Abstract

Although frail patients with atrial fibrillation (AF) carry a high risk of stroke and treatment-related bleeding complications, evidence for the safety and effectiveness of anticoagulation remains sparse. This study investigated the effectiveness and safety of direct oral anticoagulant (DOAC) vs. warfarin in frail AF patients. Nationwide registry-based cohort study including 32 048 anticoagulation naïve frail patients (median age 80 years, 53% female) with incident AF during 2012-20. Frailty was assessed using the hospital frailty risk score. To address baseline confounding, we applied inverse probability of treatment weighting (IPTW) and marginal structural models with weighted pooled regression to compute weighted hazard ratios (wHRs) and risk differences for thromboembolism and major bleeding comparing specific DOAC doses with warfarin. After AF diagnosis, 6747 (21.1%) initiated warfarin, 17 076 (50.3%) initiated standard-dose DOAC, and 9179 (28.6%) initiated reduced-dose DOAC. Comparative effectiveness analyses in the IPTW pseudo-populations revealed similar thromboembolism risk between standard-dose DOAC and warfarin [wHR 0.95, 95% confidence interval (CI) 0.80-1.13] and between reduced-dose DOAC and warfarin (wHR 0.97, 95% CI 0.77-1.23).

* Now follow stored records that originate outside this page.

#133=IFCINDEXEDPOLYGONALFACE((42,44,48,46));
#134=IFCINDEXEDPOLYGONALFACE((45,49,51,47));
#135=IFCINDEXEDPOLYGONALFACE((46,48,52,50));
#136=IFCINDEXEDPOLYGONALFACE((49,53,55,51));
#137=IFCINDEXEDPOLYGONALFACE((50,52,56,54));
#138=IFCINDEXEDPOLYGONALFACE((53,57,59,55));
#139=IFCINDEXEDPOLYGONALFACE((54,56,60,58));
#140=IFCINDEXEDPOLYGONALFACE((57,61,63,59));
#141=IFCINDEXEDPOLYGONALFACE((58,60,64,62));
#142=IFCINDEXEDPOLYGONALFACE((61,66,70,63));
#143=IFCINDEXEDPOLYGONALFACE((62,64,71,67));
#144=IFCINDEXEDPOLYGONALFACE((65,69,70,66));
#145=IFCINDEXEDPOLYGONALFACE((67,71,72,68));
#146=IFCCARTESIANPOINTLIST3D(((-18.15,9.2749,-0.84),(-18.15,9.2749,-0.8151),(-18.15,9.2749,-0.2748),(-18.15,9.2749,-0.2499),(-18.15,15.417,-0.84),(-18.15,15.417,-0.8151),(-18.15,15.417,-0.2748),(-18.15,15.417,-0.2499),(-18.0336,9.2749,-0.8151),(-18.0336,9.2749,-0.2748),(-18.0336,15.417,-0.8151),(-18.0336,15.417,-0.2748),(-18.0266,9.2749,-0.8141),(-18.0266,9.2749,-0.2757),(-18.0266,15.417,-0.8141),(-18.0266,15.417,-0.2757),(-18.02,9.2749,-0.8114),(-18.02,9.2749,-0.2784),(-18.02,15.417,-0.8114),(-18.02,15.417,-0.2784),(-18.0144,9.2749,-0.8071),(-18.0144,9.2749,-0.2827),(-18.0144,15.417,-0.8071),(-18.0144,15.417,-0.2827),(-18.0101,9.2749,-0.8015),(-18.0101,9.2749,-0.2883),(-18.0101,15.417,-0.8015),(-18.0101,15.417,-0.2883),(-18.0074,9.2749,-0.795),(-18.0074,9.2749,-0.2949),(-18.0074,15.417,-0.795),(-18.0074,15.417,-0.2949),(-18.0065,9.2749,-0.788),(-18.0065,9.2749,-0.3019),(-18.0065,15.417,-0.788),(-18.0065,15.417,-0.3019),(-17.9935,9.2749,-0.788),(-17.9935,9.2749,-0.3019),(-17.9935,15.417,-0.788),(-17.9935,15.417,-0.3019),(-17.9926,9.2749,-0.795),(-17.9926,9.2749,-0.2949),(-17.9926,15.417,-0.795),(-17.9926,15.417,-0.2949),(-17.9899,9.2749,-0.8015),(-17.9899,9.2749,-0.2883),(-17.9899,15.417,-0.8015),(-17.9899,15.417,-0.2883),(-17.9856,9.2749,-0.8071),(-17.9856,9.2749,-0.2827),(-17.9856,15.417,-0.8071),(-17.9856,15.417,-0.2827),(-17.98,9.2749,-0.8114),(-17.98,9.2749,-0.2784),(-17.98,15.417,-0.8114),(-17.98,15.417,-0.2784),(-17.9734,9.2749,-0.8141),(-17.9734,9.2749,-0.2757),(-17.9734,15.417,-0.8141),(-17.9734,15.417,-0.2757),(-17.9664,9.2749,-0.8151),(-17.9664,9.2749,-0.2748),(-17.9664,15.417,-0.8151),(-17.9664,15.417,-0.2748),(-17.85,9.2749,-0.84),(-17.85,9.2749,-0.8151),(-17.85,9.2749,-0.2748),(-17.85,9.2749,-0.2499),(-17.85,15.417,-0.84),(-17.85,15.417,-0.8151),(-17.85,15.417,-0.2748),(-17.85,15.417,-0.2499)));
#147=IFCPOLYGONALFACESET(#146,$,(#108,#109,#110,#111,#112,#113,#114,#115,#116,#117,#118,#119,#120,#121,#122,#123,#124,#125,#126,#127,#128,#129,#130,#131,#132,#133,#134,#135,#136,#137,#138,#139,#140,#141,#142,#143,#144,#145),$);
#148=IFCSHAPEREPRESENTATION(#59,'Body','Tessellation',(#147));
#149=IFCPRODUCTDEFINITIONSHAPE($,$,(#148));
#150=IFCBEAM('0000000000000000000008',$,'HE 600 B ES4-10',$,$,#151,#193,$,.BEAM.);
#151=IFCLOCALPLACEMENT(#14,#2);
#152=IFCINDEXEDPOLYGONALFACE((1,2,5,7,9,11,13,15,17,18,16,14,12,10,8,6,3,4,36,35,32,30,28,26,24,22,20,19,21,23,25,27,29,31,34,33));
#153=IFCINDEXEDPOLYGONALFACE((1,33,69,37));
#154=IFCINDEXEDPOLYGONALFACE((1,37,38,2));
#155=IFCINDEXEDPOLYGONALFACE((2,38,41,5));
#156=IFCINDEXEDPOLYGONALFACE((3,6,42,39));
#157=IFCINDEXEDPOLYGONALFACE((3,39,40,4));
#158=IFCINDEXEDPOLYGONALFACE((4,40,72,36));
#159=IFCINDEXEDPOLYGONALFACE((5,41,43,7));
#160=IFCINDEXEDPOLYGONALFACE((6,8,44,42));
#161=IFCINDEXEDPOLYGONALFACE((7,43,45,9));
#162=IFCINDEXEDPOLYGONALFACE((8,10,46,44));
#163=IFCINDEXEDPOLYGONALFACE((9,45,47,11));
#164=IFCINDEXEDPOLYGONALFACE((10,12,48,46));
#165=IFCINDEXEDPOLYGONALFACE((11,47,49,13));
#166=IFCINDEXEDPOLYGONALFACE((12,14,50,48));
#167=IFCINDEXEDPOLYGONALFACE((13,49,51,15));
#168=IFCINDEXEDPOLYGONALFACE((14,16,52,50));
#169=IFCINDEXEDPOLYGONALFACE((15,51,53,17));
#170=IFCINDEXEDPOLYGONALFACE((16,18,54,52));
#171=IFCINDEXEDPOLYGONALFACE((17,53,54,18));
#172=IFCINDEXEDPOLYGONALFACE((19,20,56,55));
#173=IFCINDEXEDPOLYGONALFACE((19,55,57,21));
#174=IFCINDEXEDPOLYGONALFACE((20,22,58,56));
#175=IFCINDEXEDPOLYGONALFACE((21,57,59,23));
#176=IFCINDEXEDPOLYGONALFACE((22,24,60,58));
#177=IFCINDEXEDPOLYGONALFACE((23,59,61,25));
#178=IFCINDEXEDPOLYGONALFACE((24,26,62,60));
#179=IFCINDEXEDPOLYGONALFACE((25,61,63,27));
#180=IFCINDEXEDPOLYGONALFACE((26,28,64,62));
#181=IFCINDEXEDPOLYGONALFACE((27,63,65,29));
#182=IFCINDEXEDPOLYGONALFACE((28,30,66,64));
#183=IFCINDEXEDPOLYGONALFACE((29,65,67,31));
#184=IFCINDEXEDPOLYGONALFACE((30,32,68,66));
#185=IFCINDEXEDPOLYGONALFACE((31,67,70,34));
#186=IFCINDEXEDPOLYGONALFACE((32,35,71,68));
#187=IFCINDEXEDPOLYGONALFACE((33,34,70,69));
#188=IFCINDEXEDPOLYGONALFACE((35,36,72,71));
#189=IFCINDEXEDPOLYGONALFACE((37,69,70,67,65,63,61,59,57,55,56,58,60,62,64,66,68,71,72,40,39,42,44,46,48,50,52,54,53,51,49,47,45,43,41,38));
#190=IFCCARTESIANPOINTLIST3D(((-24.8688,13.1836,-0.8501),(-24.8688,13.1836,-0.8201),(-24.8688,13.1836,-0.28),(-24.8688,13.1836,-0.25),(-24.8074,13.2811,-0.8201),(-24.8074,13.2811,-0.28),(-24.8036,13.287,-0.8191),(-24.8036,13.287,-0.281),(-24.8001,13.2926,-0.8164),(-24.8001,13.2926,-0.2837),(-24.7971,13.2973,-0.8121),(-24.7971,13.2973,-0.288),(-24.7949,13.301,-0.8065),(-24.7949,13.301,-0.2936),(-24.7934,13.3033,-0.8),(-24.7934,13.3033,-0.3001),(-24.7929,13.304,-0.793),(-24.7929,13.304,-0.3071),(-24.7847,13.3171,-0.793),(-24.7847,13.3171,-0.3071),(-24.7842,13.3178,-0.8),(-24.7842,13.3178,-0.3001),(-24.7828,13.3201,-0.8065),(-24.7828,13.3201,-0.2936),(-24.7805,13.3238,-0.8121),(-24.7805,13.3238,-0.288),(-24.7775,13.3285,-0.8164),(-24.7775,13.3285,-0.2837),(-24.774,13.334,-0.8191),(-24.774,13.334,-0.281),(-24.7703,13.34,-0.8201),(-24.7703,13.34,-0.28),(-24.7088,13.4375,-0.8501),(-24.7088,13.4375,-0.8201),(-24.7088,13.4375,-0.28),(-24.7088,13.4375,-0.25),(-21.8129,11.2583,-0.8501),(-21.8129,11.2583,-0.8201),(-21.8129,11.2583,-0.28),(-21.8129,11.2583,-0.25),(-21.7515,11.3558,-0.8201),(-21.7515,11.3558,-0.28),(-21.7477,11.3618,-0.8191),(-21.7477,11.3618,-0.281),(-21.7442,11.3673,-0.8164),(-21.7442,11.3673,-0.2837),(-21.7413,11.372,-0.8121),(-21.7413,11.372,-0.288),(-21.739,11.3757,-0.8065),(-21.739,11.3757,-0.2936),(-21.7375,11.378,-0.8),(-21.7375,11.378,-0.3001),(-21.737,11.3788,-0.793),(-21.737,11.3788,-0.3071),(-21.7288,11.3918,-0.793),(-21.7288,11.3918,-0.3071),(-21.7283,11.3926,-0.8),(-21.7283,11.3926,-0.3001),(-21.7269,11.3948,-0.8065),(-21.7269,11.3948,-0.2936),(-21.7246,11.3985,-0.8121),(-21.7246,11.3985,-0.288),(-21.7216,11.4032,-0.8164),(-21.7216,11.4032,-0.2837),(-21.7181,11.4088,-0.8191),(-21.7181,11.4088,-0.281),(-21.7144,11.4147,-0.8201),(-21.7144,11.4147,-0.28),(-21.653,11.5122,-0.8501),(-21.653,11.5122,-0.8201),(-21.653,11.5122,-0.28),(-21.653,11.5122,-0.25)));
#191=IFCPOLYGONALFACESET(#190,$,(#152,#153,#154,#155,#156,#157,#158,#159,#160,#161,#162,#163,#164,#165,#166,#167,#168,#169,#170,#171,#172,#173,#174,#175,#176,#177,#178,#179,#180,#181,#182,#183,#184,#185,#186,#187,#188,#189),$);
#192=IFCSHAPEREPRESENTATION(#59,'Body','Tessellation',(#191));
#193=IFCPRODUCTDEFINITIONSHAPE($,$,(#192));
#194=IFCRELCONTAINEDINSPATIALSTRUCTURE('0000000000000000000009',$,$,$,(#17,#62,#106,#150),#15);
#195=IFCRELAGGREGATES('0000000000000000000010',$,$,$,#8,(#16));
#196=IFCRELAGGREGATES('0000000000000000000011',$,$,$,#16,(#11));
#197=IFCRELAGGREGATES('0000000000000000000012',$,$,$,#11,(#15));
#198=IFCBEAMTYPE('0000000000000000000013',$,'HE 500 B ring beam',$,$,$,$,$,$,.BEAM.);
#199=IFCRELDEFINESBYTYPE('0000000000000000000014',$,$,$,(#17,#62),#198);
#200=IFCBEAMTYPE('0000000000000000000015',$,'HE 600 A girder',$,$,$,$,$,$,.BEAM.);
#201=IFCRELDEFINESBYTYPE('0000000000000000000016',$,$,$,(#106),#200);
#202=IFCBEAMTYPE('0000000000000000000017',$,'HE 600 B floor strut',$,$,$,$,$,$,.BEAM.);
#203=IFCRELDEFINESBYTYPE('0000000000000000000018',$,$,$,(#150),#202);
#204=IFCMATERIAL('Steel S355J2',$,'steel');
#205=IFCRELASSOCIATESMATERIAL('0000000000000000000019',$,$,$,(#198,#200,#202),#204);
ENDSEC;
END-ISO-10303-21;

The 1-year thromboembolic event-free survival difference was -0.2% for DOAC, regardless of dosing, vs. warfarin. Major bleeding risk was significantly lower with standard-dose DOAC (wHR 0.69, 95% CI 0.59-0.87) and reduced-dose DOAC (wHR 0.67, 95% CI 0.55-0.81) vs. warfarin. The 1-year bleeding risk difference with DOAC ranged from -1.3% to -3.0%. Our findings indicate comparable thromboembolism risk and significantly lower bleeding risk with both standard and reduced DOAC regimens compared with warfarin in frail AF patients in routine care.